Thursday, 30 June 2016

How to Perform Centralised Computation of Routes without Minimising the Revelation of Private Routing Information

One of the issues I am considering as part of my PhD is how to encourage ISPs and other ASes to share routing information despite privacy concerns, worry about loss of autonomy and economic incentives not to share this with other ASes.

The benefit of ASes sharing this information would be the ability to compute routing outcomes centrally leading to faster convergence compared to having each domain do it's own computation with partial knowledge and more efficient routers because computation could be offloaded to a "routing service".

However, a possible approach that allows computation to take place without revealing the inputs is described in A New Approach to Interdomain Routing Based on Secure Multi-Party Computation, Gupta et. al, 2012 published at HOTNETS 2012.

This is based on applying secure multi-party computation (SMPC) to interdomain routing. SPMC algorithms are based upon the intuition in Shamir's paper How to Share a Secret from 1979 and work on homomorphic encryption.

Their solution is partially centralised, in that k compute nodes are used to perform the computation together. It still more centralised than the current model leading to the benefits of improved convergence and offloading of work from routers. To provide a level of security, these servers would be owned by different providers and we assume that they will not collude to reveal any secrets entrusted to them.

Each AS splits their routing policy is split into k shares and send each share to the group of k compute nodes. A SPMC algorithm is used to compute the BGP-routing outcome across the shares received from the each AS. The result of this algorithm is only a partial outcome representing a share of the outcome (a route to a destination). Each compute node returns this partial outcome to each AS and the AS combines the k shares received to reveal the final result.

This scheme provides our privacy guarantees because no one node knows enough to reconstruct the routing policy nor the outputs of the computation. The scheme is also resistant to a degree of collusion, privacy is maintained as as long as fewer than k/2 nodes decide to pool their results.

Routing computation is simplified to make implementing the scheme feasible by assuming only the use of next-hop policies and computation is done on a per-domain basis rather than a prefix basis. A routing policy consists of two components: a ranking of all possible routes to a destination and a specification of which route to a destination will be exported to which peer. Network topology is known to all parties and denoted as [n] = {1...n} set of domains. Each domain u has two inputs: (1) ranking of its neighbors; and (2) for every two neighbor i and j, the willingness to export routes that have i as next-hop to j.

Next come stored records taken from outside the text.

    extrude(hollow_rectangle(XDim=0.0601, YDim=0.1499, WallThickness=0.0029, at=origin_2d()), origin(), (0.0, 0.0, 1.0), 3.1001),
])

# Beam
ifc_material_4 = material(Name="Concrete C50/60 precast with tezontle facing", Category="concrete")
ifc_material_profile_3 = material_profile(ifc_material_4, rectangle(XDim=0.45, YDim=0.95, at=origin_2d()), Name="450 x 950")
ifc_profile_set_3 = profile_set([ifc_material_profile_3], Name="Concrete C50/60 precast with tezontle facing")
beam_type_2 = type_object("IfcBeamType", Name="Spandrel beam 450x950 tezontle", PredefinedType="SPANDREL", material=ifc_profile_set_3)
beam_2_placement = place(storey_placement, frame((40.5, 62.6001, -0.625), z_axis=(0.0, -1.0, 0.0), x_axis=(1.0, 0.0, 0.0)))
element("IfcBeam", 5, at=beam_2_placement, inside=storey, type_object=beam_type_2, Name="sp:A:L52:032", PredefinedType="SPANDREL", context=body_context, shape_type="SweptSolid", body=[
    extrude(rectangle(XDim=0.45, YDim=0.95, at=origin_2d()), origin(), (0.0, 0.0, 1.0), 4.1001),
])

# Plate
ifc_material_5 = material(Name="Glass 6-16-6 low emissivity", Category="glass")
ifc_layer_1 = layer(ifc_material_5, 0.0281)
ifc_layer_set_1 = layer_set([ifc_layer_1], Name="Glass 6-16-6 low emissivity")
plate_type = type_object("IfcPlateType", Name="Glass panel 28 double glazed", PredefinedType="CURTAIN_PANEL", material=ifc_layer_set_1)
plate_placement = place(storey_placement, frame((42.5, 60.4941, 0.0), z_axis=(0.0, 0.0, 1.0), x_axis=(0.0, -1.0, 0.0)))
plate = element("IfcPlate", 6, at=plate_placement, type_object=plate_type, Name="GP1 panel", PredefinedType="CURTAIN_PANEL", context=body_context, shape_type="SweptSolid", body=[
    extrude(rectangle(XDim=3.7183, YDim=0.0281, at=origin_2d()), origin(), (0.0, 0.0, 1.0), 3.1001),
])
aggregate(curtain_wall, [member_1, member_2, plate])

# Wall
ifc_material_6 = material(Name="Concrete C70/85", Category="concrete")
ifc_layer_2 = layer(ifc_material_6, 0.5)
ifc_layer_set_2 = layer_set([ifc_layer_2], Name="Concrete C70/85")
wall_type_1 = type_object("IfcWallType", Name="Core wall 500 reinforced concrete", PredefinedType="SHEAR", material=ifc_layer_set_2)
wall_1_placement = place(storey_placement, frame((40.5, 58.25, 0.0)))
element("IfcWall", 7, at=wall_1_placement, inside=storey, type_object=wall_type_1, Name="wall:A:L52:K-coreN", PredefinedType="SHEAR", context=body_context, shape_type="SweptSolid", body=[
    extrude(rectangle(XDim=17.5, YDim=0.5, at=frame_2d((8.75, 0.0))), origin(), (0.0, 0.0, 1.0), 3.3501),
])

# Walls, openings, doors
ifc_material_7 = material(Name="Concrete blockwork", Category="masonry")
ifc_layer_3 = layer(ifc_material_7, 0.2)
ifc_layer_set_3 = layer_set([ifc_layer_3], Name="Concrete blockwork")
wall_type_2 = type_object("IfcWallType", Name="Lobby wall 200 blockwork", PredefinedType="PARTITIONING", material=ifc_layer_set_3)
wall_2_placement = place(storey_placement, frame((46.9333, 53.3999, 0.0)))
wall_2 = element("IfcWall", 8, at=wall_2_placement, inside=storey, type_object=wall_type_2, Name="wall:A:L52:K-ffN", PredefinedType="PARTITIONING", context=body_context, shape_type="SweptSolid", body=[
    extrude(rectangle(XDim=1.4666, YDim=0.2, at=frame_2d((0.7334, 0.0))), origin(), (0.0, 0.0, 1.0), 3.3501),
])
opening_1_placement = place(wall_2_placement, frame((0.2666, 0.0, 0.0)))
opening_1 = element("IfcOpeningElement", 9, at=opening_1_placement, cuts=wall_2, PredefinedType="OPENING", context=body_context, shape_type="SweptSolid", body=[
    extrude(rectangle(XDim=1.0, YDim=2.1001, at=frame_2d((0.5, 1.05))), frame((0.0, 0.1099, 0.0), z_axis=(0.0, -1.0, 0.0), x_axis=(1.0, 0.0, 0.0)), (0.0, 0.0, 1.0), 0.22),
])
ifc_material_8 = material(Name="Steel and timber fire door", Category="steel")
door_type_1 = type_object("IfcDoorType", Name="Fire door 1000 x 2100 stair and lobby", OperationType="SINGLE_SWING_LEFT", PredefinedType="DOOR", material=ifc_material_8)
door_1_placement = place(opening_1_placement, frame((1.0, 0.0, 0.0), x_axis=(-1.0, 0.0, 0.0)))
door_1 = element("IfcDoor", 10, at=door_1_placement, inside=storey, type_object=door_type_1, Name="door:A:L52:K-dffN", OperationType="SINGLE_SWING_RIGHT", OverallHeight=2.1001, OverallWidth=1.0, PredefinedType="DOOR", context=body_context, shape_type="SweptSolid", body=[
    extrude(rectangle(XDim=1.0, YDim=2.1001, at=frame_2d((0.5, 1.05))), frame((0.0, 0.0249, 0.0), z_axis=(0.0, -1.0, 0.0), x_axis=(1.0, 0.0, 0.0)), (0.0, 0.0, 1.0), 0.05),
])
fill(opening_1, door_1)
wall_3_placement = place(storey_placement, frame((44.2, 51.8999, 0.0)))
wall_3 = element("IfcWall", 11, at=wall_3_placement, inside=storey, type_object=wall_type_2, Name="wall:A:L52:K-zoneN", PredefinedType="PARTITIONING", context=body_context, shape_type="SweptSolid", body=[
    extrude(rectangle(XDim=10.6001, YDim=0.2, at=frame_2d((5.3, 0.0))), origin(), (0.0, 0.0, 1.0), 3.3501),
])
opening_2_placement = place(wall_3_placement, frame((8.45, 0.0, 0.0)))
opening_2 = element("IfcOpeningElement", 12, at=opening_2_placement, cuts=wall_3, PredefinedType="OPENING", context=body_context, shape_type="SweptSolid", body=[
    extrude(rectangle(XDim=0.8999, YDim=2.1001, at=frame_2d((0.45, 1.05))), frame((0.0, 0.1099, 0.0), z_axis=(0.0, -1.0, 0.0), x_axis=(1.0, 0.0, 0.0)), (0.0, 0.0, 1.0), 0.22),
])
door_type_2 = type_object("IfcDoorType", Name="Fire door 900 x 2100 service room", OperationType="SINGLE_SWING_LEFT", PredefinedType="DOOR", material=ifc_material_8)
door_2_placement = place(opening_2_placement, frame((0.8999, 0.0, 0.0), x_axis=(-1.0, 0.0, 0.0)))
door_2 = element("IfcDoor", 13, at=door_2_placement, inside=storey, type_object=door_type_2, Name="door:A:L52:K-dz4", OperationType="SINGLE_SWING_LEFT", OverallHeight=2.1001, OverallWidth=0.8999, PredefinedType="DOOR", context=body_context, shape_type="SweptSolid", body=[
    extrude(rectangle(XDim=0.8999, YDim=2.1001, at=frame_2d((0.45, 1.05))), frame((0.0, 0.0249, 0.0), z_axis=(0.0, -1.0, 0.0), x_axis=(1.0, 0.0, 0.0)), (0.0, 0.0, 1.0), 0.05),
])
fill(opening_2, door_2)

The scheme was implemented using the SEPIA Java SPMC library and the authors reported it takes 0.13 seconds compute the route to destination for a single domain with 19 neighbours and 10 iterations (the number of iterations is 2D+1 where D is the depth of the customer-provider hierarchy, see the definition in Gao and Rexford's paper). This experiment was carried out on a single compute node (a PC 2,7GHz quad core machine).

Is this a workable solution? No but it is a proof-of-concept. The code was not optimised and a full performance analysis was not done. Furthermore, the measurement was for the computation of only one route to destination and a full implementation would calculate many for each AS. This is obviously another scalability problem but the authors believe that this could be addressed if each compute node performs these calculation in parallel. This is feasible since there is no dependencies between computation but its practicality was not explored here.

Evaluation. This scheme provides good privacy guarantees and an implementation is described.

There are several open problems:

a) How scalable is this approach? Investigate its scalability with respect to neighbours, depth of hierarchy and number of computations required for a full BGP routing table. Also what is the effect on end-to-end performance and reliability of the Internet?

b) How do we hide network information such as who is the neighbour of a given AS? It is assumed that the inter domain network topology is known, that is every AS is willing to reveal its neighbours. The authors suggest that because this assumption may not hold, they intend to investigate also hiding network information using the SPMC approach could be explored. It doesn't appear to date that they did do this so this remains an open problem.

c) Can this scheme be generalised to prefix-based and QoS based routing? This would allow traffic engineering without revealing sensitive information.

d) Can this scheme be extended to address BGP instability due to failure?